Back to Work… | A Blog About Transitioning in Motherhood

Three months ago, after five years being a stay at home mom, I went back to work. I was ready, but it was scary. My youngest was about to start first grade and my oldest was already in third. I knew the school year drill and I was good at it – errands, organizing and volunteering at school. What I didn’t know about anymore was working for someone else’s agenda, pushing papers and any new software from the last five years. But the boys were old enough, so I should go back, right? The idea of paycheck sounded pretty good and it would be nice to use that college degree again, so I worked through the anxiety of the first day jitters and started filling in that timesheet again. motherhood

Readjusting to life working outside of the house has been an emotional ride. Yes, it was fun buying a new work wardrobe, but learning to work again has been nothing less than exhausting. I’ve cried at night from the doubt and the stress of having to juggle expectations at work, at home and in life. It’s had me feeling like I’m doing a half-assed job at many things and my plate is too full. What used to be an easy decision, now takes me much longer than it should. Don’t ask me where I want to go for dinner, my brain is fried from trying to stay on top of my workload.
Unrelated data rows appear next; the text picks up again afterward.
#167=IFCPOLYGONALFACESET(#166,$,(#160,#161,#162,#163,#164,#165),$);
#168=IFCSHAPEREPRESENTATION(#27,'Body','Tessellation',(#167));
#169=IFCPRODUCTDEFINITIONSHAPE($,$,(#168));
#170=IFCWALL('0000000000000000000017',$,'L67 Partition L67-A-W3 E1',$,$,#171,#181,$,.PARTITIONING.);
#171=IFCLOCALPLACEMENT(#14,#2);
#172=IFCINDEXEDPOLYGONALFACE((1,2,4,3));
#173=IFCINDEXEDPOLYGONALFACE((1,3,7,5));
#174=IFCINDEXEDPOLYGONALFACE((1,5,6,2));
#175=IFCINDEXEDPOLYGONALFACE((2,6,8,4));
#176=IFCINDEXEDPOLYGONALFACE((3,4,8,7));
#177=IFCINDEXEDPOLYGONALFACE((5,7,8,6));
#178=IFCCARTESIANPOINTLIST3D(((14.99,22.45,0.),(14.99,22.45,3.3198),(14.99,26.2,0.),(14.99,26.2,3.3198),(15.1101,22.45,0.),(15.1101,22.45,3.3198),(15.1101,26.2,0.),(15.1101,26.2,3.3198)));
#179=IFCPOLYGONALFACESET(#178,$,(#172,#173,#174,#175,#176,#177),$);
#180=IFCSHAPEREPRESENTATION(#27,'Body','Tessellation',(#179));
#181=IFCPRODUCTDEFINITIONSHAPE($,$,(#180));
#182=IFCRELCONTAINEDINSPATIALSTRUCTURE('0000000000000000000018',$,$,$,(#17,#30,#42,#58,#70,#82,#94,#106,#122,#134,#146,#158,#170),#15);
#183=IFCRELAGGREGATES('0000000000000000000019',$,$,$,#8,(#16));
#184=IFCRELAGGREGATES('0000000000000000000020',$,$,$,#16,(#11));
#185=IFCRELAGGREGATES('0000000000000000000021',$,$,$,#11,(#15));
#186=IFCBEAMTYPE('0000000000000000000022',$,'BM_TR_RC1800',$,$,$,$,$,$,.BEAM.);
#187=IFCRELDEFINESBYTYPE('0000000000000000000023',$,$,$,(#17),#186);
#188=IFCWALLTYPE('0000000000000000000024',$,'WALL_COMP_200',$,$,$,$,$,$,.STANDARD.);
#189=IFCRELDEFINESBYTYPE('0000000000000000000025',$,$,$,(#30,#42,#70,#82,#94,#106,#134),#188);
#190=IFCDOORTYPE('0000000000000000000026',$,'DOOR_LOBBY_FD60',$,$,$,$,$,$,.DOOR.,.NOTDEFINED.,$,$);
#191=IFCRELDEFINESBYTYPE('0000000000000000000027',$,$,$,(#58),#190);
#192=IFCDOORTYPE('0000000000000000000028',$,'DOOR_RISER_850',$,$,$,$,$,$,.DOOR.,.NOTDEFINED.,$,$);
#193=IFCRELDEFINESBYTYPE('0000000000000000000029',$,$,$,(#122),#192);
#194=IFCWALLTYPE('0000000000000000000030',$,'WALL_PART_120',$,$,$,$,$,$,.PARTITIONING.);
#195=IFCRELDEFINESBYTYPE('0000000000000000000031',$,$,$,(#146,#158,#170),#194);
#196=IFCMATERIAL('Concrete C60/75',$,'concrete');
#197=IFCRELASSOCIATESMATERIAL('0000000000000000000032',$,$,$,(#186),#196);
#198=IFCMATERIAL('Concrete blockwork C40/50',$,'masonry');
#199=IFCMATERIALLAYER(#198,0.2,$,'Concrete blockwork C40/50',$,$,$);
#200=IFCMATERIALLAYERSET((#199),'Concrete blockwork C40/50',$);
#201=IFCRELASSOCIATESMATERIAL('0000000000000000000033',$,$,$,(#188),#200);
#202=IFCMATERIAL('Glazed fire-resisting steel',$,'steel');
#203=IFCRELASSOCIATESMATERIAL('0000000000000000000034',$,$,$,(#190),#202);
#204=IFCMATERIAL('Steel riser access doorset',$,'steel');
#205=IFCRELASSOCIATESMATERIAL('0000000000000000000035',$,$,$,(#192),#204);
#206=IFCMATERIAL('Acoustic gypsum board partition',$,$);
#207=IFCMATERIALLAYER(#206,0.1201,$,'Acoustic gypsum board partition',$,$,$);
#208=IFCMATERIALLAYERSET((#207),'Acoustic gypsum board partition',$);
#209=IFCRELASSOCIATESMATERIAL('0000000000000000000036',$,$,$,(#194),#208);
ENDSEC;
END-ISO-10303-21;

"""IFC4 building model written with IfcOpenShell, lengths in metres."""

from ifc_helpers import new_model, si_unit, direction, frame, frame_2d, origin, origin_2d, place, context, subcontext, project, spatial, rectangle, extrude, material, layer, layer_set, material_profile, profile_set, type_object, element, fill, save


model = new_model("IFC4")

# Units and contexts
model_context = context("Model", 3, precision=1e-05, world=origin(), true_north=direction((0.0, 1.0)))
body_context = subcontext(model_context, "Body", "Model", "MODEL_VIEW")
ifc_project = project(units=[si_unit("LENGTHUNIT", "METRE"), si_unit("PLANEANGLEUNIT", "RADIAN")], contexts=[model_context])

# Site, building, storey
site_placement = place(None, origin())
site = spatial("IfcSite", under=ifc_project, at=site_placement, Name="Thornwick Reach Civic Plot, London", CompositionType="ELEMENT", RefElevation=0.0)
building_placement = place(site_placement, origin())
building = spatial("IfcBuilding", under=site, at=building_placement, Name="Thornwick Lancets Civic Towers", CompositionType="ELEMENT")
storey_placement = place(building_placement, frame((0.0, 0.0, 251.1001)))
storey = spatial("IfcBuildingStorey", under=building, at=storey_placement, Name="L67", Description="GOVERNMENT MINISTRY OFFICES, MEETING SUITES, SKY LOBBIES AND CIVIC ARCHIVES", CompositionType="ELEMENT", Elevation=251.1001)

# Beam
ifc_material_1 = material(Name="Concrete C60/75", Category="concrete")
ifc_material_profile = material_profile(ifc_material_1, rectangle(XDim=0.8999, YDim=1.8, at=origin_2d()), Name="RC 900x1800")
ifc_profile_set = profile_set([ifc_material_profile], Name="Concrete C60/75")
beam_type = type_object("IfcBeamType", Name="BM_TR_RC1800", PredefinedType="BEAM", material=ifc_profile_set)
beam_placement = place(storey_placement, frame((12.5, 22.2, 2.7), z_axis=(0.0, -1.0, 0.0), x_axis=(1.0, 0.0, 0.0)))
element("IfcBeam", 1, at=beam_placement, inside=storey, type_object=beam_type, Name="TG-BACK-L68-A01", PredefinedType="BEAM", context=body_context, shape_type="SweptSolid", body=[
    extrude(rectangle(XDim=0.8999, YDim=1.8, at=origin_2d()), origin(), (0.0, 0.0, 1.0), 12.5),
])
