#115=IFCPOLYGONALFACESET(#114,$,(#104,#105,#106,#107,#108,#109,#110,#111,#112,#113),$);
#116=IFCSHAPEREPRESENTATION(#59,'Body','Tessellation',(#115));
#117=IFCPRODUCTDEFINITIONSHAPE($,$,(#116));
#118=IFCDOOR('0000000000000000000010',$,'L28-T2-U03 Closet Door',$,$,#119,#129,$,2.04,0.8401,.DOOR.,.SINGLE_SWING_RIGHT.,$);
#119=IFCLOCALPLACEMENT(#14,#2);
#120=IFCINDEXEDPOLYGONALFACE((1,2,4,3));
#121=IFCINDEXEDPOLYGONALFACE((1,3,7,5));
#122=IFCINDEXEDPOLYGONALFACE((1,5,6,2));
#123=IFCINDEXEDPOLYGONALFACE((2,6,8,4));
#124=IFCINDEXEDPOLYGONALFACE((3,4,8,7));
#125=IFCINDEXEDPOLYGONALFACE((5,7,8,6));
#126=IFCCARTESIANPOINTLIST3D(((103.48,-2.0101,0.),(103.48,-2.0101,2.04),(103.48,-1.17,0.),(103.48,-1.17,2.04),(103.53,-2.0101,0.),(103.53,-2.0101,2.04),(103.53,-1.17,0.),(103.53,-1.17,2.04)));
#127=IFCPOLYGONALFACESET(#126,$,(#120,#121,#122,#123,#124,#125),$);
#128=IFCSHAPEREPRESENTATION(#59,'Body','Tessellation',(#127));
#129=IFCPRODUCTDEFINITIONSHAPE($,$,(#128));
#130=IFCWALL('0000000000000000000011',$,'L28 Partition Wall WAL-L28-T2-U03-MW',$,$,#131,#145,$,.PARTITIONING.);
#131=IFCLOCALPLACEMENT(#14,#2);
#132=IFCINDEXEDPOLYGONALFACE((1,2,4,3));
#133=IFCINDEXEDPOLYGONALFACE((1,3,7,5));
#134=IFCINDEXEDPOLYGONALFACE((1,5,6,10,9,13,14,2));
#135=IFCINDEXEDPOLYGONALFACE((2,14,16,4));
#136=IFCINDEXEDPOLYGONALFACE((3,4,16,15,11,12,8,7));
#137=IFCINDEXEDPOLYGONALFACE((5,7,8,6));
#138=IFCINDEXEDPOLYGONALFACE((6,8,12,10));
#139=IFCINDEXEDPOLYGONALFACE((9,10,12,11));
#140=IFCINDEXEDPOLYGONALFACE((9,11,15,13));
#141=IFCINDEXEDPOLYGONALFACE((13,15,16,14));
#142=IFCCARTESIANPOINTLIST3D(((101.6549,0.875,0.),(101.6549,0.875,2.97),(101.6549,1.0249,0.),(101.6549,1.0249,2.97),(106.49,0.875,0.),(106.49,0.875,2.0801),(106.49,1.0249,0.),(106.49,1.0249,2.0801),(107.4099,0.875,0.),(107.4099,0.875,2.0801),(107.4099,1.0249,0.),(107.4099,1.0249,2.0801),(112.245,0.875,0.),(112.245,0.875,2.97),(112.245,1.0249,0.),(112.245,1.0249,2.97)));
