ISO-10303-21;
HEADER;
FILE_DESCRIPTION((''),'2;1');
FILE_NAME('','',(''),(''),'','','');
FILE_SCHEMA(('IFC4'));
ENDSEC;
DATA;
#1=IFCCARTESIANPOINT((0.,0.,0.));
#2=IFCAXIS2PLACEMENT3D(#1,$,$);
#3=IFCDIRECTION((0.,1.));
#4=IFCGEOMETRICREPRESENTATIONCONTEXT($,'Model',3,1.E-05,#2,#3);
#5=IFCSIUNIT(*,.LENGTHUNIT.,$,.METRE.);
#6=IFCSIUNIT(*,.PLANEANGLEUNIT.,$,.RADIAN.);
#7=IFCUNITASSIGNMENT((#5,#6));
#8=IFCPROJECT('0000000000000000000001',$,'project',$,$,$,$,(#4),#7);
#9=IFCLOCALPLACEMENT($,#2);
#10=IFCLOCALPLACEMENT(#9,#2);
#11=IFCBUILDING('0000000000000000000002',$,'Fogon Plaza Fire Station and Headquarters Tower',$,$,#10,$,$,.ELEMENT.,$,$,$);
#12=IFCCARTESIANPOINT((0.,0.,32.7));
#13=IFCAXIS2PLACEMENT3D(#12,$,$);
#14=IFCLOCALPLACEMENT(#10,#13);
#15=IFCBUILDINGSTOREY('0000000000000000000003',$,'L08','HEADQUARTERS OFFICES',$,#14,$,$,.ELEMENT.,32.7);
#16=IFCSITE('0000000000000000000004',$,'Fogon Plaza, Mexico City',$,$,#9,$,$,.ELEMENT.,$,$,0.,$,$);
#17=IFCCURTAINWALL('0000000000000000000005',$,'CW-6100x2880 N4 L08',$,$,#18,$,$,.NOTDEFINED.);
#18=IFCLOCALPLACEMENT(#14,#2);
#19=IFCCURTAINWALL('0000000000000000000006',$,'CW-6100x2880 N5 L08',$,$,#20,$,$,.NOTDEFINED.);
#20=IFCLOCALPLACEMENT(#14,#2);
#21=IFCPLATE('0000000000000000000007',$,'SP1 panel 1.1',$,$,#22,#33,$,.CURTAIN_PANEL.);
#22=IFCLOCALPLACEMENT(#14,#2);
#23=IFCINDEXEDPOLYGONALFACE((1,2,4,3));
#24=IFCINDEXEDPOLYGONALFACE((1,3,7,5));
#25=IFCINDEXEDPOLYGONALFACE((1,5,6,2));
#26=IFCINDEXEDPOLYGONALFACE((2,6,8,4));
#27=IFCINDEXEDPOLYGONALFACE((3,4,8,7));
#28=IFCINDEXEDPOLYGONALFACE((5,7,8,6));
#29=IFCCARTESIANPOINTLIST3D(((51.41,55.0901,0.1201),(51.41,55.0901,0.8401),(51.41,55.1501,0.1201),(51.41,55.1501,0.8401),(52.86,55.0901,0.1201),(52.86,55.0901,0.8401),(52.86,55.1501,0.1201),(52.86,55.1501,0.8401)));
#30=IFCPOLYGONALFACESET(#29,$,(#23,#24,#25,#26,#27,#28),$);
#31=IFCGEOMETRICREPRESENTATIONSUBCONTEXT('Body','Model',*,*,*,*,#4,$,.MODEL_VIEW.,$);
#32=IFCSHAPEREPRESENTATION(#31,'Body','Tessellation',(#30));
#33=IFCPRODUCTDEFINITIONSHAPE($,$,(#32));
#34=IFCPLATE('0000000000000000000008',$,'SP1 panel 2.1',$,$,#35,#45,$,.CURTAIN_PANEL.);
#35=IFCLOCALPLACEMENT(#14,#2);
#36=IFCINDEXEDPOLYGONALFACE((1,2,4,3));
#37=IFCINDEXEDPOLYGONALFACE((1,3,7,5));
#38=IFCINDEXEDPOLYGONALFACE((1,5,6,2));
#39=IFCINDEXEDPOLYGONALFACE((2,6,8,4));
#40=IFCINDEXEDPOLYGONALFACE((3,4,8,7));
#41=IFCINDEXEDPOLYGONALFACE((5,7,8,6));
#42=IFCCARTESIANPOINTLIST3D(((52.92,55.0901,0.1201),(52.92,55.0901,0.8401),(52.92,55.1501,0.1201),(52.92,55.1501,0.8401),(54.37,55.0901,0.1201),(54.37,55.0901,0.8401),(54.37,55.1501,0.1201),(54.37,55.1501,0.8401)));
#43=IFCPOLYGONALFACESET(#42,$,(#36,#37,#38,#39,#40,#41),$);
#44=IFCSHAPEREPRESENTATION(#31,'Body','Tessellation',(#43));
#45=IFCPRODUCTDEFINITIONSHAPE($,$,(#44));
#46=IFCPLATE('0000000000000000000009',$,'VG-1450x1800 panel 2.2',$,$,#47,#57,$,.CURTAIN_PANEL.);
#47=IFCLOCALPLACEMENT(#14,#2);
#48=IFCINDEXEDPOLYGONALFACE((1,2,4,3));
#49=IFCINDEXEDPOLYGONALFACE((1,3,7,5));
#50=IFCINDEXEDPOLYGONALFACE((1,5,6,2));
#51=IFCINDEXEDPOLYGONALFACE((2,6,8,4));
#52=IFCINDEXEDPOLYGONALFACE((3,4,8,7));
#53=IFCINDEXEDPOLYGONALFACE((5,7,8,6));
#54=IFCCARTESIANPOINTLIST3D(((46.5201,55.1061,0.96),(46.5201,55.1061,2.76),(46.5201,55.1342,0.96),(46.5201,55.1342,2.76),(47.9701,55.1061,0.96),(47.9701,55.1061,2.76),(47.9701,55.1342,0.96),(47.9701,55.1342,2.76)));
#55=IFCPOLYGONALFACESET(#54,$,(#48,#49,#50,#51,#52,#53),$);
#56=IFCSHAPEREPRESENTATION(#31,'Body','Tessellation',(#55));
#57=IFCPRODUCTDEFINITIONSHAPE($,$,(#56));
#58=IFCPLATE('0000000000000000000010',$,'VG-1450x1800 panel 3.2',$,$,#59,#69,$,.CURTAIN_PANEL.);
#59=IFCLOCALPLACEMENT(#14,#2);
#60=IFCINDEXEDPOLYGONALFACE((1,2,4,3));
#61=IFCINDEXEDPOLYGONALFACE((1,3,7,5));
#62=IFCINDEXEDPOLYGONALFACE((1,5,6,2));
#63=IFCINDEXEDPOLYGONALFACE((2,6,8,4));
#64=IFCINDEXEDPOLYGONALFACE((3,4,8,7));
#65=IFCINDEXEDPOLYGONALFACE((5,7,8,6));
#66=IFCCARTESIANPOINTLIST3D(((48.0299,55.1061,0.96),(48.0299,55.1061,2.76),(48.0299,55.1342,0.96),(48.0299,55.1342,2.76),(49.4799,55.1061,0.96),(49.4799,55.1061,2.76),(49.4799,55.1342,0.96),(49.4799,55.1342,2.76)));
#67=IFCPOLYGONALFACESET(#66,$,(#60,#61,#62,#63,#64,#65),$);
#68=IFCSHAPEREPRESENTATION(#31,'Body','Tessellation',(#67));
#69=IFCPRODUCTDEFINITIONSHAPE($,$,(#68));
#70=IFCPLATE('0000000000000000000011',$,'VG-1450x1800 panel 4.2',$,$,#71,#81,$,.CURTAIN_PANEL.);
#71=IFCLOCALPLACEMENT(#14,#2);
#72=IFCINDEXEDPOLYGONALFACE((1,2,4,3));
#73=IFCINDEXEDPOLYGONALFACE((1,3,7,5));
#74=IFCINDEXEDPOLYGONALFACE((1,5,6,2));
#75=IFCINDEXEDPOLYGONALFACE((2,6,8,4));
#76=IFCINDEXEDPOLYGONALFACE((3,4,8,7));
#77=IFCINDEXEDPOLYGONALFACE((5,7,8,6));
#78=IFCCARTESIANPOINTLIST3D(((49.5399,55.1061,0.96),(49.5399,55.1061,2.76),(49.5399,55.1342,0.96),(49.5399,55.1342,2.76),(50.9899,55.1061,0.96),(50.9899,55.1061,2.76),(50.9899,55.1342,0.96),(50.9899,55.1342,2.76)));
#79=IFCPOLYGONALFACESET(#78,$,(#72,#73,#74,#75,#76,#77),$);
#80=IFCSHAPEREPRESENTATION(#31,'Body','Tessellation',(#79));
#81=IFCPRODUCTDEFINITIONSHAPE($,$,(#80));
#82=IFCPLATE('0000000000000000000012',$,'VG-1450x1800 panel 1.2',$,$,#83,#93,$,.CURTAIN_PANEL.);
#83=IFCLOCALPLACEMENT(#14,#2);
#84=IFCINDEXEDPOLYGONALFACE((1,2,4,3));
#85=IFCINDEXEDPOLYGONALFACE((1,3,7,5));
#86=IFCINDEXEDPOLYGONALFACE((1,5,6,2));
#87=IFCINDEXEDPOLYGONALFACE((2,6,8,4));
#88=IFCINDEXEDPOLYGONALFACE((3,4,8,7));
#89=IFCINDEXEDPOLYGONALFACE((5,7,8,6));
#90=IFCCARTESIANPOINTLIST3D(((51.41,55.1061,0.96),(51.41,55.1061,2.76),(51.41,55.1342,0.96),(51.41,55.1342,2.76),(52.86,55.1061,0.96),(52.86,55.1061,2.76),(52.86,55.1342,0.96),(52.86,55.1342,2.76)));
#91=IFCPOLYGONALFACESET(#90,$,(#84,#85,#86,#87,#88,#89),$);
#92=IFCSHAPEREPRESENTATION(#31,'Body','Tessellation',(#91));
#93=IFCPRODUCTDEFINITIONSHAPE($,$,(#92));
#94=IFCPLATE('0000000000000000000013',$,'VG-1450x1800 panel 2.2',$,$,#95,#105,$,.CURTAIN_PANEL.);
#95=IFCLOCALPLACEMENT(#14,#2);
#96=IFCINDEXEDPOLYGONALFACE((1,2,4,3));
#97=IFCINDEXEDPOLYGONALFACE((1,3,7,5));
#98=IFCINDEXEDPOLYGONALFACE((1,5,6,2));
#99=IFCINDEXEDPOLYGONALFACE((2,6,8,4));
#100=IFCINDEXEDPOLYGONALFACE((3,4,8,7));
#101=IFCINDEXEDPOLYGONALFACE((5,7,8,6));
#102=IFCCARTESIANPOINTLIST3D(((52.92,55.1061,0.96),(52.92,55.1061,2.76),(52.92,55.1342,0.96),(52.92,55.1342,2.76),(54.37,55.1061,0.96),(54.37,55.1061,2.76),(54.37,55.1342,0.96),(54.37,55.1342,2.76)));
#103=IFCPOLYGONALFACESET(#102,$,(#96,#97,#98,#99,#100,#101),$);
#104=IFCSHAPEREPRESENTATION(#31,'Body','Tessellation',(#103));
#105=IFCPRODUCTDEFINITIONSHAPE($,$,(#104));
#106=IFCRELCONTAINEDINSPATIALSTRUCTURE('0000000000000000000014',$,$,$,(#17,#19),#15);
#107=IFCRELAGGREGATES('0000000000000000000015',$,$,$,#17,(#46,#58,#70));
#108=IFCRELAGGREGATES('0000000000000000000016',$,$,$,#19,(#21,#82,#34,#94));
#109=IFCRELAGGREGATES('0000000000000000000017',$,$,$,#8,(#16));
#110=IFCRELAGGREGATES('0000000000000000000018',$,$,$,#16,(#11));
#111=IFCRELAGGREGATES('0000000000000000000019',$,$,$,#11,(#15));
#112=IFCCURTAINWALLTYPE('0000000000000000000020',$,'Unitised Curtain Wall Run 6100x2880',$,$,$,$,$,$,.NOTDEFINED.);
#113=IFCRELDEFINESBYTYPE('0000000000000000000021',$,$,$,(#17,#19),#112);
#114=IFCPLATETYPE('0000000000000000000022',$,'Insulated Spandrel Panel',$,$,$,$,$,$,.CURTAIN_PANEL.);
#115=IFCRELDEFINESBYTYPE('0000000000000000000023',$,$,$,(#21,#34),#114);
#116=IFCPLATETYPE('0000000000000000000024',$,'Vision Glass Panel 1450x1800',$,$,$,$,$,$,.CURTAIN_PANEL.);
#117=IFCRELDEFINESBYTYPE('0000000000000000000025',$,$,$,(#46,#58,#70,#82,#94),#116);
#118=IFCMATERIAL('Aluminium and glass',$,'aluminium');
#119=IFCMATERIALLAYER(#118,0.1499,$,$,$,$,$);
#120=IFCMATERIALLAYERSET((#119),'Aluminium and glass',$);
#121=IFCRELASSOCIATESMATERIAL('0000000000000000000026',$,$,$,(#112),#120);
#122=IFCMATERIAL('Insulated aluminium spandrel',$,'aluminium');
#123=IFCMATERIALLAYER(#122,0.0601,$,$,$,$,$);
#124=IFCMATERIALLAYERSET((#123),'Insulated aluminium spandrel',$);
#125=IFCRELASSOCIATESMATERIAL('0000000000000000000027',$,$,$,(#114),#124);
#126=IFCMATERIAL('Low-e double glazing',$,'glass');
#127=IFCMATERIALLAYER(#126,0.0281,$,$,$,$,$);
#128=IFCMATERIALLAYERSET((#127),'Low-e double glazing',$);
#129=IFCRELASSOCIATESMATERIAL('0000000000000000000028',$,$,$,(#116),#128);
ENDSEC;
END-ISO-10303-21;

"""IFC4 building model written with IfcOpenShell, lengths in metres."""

from ifc_helpers import new_model, si_unit, direction, frame, origin, origin_2d, place, context, subcontext, project, spatial, rectangle, extrude, material, layer, layer_set, type_object, element, aggregate, save


model = new_model("IFC4")

# Units and contexts
model_context = context("Model", 3, precision=1e-05, world=origin(), true_north=direction((0.0, 1.0)))
body_context = subcontext(model_context, "Body", "Model", "MODEL_VIEW")
ifc_project = project(units=[si_unit("LENGTHUNIT", "METRE"), si_unit("PLANEANGLEUNIT", "RADIAN")], contexts=[model_context])

# Site, building, storey
site_placement = place(None, origin())
site = spatial("IfcSite", under=ifc_project, at=site_placement, Name="Fogon Plaza, Mexico City", CompositionType="ELEMENT", RefElevation=0.0)
building_placement = place(site_placement, origin())
building = spatial("IfcBuilding", under=site, at=building_placement, Name="Fogon Plaza Fire Station and Headquarters Tower", CompositionType="ELEMENT")
storey_placement = place(building_placement, frame((0.0, 0.0, 32.7)))
storey = spatial("IfcBuildingStorey", under=building, at=storey_placement, Name="L08", Description="HEADQUARTERS OFFICES", CompositionType="ELEMENT", Elevation=32.7)

# Curtain walls
ifc_material_1 = material(Name="Aluminium and glass", Category="aluminium")
ifc_layer_1 = layer(ifc_material_1, 0.1499)
ifc_layer_set_1 = layer_set([ifc_layer_1], Name="Aluminium and glass")
curtain_wall_type = type_object("IfcCurtainWallType", Name="Unitised Curtain Wall Run 6100x2880", PredefinedType="NOTDEFINED", material=ifc_layer_set_1)
curtain_wall_1_placement = place(storey_placement, origin())
curtain_wall_1 = element("IfcCurtainWall", 1, at=curtain_wall_1_placement, inside=storey, type_object=curtain_wall_type, Name="CW-6100x2880 N4 L08", PredefinedType="NOTDEFINED")
curtain_wall_2_placement = place(storey_placement, origin())
curtain_wall_2 = element("IfcCurtainWall", 2, at=curtain_wall_2_placement, inside=storey, type_object=curtain_wall_type, Name="CW-6100x2880 N5 L08", PredefinedType="NOTDEFINED")

# Plates
ifc_material_2 = material(Name="Insulated aluminium spandrel", Category="aluminium")
ifc_layer_2 = layer(ifc_material_2, 0.0601)
ifc_layer_set_2 = layer_set([ifc_layer_2], Name="Insulated aluminium spandrel")
plate_type_1 = type_object("IfcPlateType", Name="Insulated Spandrel Panel", PredefinedType="CURTAIN_PANEL", material=ifc_layer_set_2)
plate_1_placement = place(storey_placement, frame((52.135, 55.1201, 0.1201), z_axis=(0.0, 0.0, 1.0), x_axis=(1.0, 0.0, 0.0)))
plate_1 = element("IfcPlate", 3, at=plate_1_placement, type_object=plate_type_1, Name="SP1 panel 1.1", PredefinedType="CURTAIN_PANEL", context=body_context, shape_type="SweptSolid", body=[
    extrude(rectangle(XDim=1.45, YDim=0.0601, at=origin_2d()), origin(), (0.0, 0.0, 1.0), 0.72),
])
plate_2_placement = place(storey_placement, frame((53.645, 55.1201, 0.1201), z_axis=(0.0, 0.0, 1.0), x_axis=(1.0, 0.0, 0.0)))
plate_2 = element("IfcPlate", 4, at=plate_2_placement, type_object=plate_type_1, Name="SP1 panel 2.1", PredefinedType="CURTAIN_PANEL", context=body_context, shape_type="SweptSolid", body=[
    extrude(rectangle(XDim=1.45, YDim=0.0601, at=origin_2d()), origin(), (0.0, 0.0, 1.0), 0.72),
])
ifc_material_3 = material(Name="Low-e double glazing", Category="glass")
ifc_layer_3 = layer(ifc_material_3, 0.0281)
ifc_layer_set_3 = layer_set([ifc_layer_3], Name="Low-e double glazing")
plate_type_2 = type_object("IfcPlateType", Name="Vision Glass Panel 1450x1800", PredefinedType="CURTAIN_PANEL", material=ifc_layer_set_3)
plate_3_placement = place(storey_placement, frame((47.2451, 55.1201, 0.96), z_axis=(0.0, 0.0, 1.0), x_axis=(1.0, 0.0, 0.0)))
plate_3 = element("IfcPlate", 5, at=plate_3_placement, type_object=plate_type_2, Name="VG-1450x1800 panel 2.2", PredefinedType="CURTAIN_PANEL", context=body_context, shape_type="SweptSolid", body=[
    extrude(rectangle(XDim=1.45, YDim=0.0281, at=origin_2d()), origin(), (0.0, 0.0, 1.0), 1.8),
])
plate_4_placement = place(storey_placement, frame((48.7549, 55.1201, 0.96), z_axis=(0.0, 0.0, 1.0), x_axis=(1.0, 0.0, 0.0)))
I just had to miss chaperoning the first field trip at school and had to hide in the bathroom at work to have a moment to work through that sadness. I feel overwhelmed that my house has a lot of unfinished projects. And my pants are getting too tight, since I don’t have time for that daily, mid-morning exercise. But you know what? It’s fine. Nobody is dying because they haven’t had a roasted vegetable on a weeknight. Instead of daytime field trips, I just volunteered at the evening session of the book fair. Nobody but me recognizes that the baseboards could be touched up. And yes, my pants are a little tighter, but it’s ok. I’ll get there. I’ll get to the point of having things in better order, things more planned out, projects complete, and I’ll probably get to go on the next round of field trips in the spring. Everything takes time and my boys seem minimally affected, at least nothing that won’t make them more independent in the long run. I’m lucky enough to be able to be home when they get off the bus and they’re thrilled to FINALLY be able to go to the Afterschool program on school vacation days.

Three months in and I’m settling into this new role of working mom again. Perhaps the biggest and most surprising change within the last three months has been learning to give myself permission to NOT have it all together, but instead, do the best I can. And I am. Not always gracefully, but I’m still trying. Oh, and I bought a new dining table with my paycheck.